For everything else, I would leave books as they are. If I need to find something within a book I use the search function (given that my topic notebooks contain verbatim quotes — which are indicated as such! — this is pretty easy and gives me the page number for citation). If you need to find something more flexible within the PDFs, perhaps notes would work. Like using margin notes, just with the opportunity to search for them. Perhaps a # prior to your keywords might be useful to separate your notes from the text itself (if there is no search function that can be limited to the notes). But I would not break them down into individual pages — that would only lead to lots and lots of confusion and too many files.
Daniel D. Grigoras
2014-03-31 at 13:00

Your digital versions of the scanned books are over 1GB in size? I scan books myself, and yes, the images amount to several GBs, but the way I post-edit them and convert them into digital versions gives me an end-product that is just a few MBs in size, and high-quality. I thought of making a guide about this, but have not find the time for it. Post-editing is not back-staking work if you have the right tools and knowledge.
Daniel
2014-03-31 at 13:19

The 109 books together were over 1GB, yep. I usually use Acrobats Reduce File Size, although there was a time when Acrobat had a hickup and did not deliver the file sizes I wanted. Most books end up below 10 MB (paperbacks, b/w, color front and back cover, OCR), some are between 10 MB and 100 MB (usually hundreds of color pages, reduced or not, OCR), and only a handful larger than that (hundreds of color pages where the image quality is crucial).
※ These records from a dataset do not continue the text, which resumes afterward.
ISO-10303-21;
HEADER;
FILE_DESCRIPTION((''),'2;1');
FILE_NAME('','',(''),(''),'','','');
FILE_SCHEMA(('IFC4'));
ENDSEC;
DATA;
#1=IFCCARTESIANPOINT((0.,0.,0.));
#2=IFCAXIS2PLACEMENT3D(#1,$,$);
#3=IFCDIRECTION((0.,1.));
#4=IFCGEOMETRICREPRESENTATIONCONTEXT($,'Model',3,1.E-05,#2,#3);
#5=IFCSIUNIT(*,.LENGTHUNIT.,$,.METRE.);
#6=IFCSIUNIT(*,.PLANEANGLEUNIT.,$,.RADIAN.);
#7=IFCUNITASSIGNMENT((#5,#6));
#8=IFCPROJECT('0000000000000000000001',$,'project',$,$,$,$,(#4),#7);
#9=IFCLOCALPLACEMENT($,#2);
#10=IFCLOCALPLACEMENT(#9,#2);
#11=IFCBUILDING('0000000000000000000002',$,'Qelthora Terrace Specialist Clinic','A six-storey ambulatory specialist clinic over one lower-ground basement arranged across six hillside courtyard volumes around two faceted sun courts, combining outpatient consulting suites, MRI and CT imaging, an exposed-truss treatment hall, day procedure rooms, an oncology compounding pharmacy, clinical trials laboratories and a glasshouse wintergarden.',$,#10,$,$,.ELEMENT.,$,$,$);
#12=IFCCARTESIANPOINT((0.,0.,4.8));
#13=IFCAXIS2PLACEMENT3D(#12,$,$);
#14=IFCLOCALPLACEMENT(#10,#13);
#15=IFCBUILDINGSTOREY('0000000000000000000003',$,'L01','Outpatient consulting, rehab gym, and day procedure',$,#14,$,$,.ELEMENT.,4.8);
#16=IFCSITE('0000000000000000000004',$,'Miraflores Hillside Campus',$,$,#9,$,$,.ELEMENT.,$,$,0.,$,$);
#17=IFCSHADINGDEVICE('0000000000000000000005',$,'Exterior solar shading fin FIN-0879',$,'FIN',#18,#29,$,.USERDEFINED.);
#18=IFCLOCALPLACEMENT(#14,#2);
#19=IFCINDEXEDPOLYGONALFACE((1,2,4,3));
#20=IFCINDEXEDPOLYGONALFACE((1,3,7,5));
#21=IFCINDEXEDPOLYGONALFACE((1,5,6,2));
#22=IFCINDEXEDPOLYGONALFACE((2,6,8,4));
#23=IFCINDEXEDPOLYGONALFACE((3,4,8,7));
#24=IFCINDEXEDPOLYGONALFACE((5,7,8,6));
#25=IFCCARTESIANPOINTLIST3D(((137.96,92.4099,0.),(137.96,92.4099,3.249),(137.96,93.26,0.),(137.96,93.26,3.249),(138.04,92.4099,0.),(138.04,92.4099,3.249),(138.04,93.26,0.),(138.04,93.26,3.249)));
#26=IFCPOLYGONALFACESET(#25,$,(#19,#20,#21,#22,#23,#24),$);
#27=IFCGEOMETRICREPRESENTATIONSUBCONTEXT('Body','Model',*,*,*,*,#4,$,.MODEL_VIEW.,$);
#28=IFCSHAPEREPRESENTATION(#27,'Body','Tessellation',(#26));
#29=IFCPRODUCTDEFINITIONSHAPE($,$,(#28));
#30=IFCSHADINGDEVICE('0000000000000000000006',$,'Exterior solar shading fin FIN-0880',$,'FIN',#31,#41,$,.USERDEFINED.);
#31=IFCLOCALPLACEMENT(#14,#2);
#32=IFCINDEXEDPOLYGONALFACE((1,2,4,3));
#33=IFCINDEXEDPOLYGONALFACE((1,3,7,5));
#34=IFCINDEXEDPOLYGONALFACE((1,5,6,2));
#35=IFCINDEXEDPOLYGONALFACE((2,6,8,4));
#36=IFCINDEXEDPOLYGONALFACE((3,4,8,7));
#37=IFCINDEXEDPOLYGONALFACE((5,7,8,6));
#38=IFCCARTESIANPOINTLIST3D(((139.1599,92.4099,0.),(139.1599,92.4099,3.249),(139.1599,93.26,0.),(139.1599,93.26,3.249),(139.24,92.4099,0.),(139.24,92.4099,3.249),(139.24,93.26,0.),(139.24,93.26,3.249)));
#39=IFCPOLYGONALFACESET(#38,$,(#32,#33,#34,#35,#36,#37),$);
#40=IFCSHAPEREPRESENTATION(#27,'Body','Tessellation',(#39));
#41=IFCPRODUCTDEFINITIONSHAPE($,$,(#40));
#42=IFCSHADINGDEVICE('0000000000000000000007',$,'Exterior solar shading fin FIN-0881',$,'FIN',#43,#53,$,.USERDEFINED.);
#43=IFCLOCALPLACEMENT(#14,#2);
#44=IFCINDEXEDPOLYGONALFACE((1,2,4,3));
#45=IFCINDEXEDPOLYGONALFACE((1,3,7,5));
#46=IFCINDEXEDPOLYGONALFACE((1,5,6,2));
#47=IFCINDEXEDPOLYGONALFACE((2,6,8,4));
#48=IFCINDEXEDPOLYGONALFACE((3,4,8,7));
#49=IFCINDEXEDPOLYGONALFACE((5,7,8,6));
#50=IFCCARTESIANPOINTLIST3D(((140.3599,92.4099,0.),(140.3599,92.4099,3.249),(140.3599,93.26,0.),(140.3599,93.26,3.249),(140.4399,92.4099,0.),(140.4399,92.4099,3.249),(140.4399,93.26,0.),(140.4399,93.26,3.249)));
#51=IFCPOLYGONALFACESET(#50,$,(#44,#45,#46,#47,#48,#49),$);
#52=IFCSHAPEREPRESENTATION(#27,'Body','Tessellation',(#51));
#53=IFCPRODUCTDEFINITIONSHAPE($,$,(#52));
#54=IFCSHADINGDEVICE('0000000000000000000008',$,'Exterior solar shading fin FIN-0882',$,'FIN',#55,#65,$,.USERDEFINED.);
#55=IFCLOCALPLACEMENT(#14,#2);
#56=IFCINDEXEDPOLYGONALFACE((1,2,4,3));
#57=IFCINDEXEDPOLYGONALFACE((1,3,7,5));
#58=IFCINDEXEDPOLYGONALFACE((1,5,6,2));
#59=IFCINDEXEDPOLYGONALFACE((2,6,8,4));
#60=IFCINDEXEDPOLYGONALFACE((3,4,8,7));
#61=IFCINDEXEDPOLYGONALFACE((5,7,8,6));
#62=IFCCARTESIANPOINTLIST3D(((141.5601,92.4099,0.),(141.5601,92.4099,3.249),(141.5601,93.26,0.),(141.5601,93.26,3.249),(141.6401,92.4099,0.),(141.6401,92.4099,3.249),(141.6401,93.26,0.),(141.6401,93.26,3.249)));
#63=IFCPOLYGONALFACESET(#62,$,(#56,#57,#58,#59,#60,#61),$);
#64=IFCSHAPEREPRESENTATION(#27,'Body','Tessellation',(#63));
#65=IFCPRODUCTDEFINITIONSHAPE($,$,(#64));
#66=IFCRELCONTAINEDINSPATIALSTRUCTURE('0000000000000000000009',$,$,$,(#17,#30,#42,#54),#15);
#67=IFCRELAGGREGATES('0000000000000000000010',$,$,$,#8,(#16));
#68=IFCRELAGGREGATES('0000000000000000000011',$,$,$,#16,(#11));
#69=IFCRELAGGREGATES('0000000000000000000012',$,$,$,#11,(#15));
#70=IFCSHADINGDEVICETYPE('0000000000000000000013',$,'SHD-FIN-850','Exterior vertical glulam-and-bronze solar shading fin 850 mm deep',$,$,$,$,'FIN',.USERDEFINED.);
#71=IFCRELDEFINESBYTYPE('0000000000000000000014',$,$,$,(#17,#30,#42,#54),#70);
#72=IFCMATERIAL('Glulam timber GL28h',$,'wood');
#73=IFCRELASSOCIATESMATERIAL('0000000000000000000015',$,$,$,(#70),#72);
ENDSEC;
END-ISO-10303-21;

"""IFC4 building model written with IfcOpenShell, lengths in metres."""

from ifc_helpers import new_model, si_unit, direction, frame, origin, origin_2d, place, context, subcontext, project, spatial, rectangle, extrude, material, type_object, element, save


model = new_model("IFC4")

# Units and contexts
model_context = context("Model", 3, precision=1e-05, world=origin(), true_north=direction((0.0, 1.0)))
body_context = subcontext(model_context, "Body", "Model", "MODEL_VIEW")
ifc_project = project(units=[si_unit("LENGTHUNIT", "METRE"), si_unit("PLANEANGLEUNIT", "RADIAN")], contexts=[model_context])

# Site, building, storey
site_placement = place(None, origin())
site = spatial("IfcSite", under=ifc_project, at=site_placement, Name="Miraflores Hillside Campus", CompositionType="ELEMENT", RefElevation=0.0)
building_placement = place(site_placement, origin())
building = spatial("IfcBuilding", under=site, at=building_placement, Name="Qelthora Terrace Specialist Clinic", Description="A six-storey ambulatory specialist clinic over one lower-ground basement arranged across six hillside courtyard volumes around two faceted sun courts, combining outpatient consulting suites, MRI and CT imaging, an exposed-truss treatment hall, day procedure rooms, an oncology compounding pharmacy, clinical trials laboratories and a glasshouse wintergarden.", CompositionType="ELEMENT")
storey_placement = place(building_placement, frame((0.0, 0.0, 4.8)))
storey = spatial("IfcBuildingStorey", under=building, at=storey_placement, Name="L01", Description="Outpatient consulting, rehab gym, and day procedure", CompositionType="ELEMENT", Elevation=4.8)

# Shared definitions
ifc_material_1 = material(Name="Glulam timber GL28h", Category="wood")

# Shading devices
shading_device_type = type_object("IfcShadingDeviceType", Name="SHD-FIN-850", Description="Exterior vertical glulam-and-bronze solar shading fin 850 mm deep", ElementType="FIN", PredefinedType="USERDEFINED", material=ifc_material_1)
for number, where, z_axis, x_axis, name in (
    (1, (138.0, 92.835, 0.0), (0.0, 0.0, 1.0), (0.0, 1.0, 0.0), "Exterior solar shading fin FIN-0879"),
    (2, (139.2, 92.835, 0.0), (0.0, 0.0, 1.0), (0.0, 1.0, 0.0), "Exterior solar shading fin FIN-0880"),
    (3, (140.3999, 92.835, 0.0), (0.0, 0.0, 1.0), (0.0, 1.0, 0.0), "Exterior solar shading fin FIN-0881"),
    (4, (141.6001, 92.835, 0.0), (0.0, 0.0, 1.0), (0.0, 1.0, 0.0), "Exterior solar shading fin FIN-0882"),
):
    element("IfcShadingDevice", number, at=place(storey_placement, frame(where, z_axis=z_axis, x_axis=x_axis)), inside=storey, type_object=shading_device_type, Name=name, ObjectType="FIN", PredefinedType="USERDEFINED", context=body_context, shape_type="SweptSolid", body=[
        extrude(rectangle(XDim=0.8501, YDim=0.0801, at=origin_2d()), origin(), (0.0, 0.0, 1.0), 3.249),
    ])

save(model, "model.ifc")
If you ever write that guide, drop me a line. I would be interested in reading it.
Tanya
2016-06-28 at 21:50

I bought a heavy-duty guillotine-style paper cutter (up to 400 sheets) to remove the spines from my books. It was about $150 but well worth it to be able to do it in one quick cut. I plan to keep it even after I’m done my present collection.
Daniel
2016-06-29 at 06:46

Cool, which one did you buy? Besides the time saving, the cost decreases for each book you cut. 150 books would be a dollar each, 300 only 50c, etc. and likely very quickly cheaper than doing it in a copy shop or sending the books away for cutting (not to mention not having to lift all books).
Carsten
2019-10-31 at 12:51

Hello Daniel,

I am wondering if you have figured out a good alternative to Adobe Acrobat 9, because as a 32bit app it will die after updating to the latest macOS. Personally I have not and I do not like subscription based apps. Any advice?

Greetings
Carsten
Daniel
2019-10-31 at 13:50

Yup, also left Adobe — loved InDesign, but the subscription model is a no go. Would lose access to something I have created just because the subscription runs out. Meh! Currently using the OCR included in DEVONthink (uses Abbyy Fine Reader if I’m not mistaken). For displaying PDF on my Mac I use PDF Expert, on iOS GoodReader (for Reading) or GoodNotes (for correcting student works).
Carsten
2019-11-01 at 10:44

Hello Daniel,

thank you for your response. This is nearly the same tools I am using. But I am in need for a tool for reducing file size as good as Adobe Acrobat Pro, PDF Expert seems not so effective for this purpose. Which tool do you use for effectively reducing the size of the PDF files?
Daniel
2019-11-02 at 14:11

PDF Expert — it’s likely not as good as Adobe Acrobat, but … well, it’s not a subscription model. So that’s good enough for me.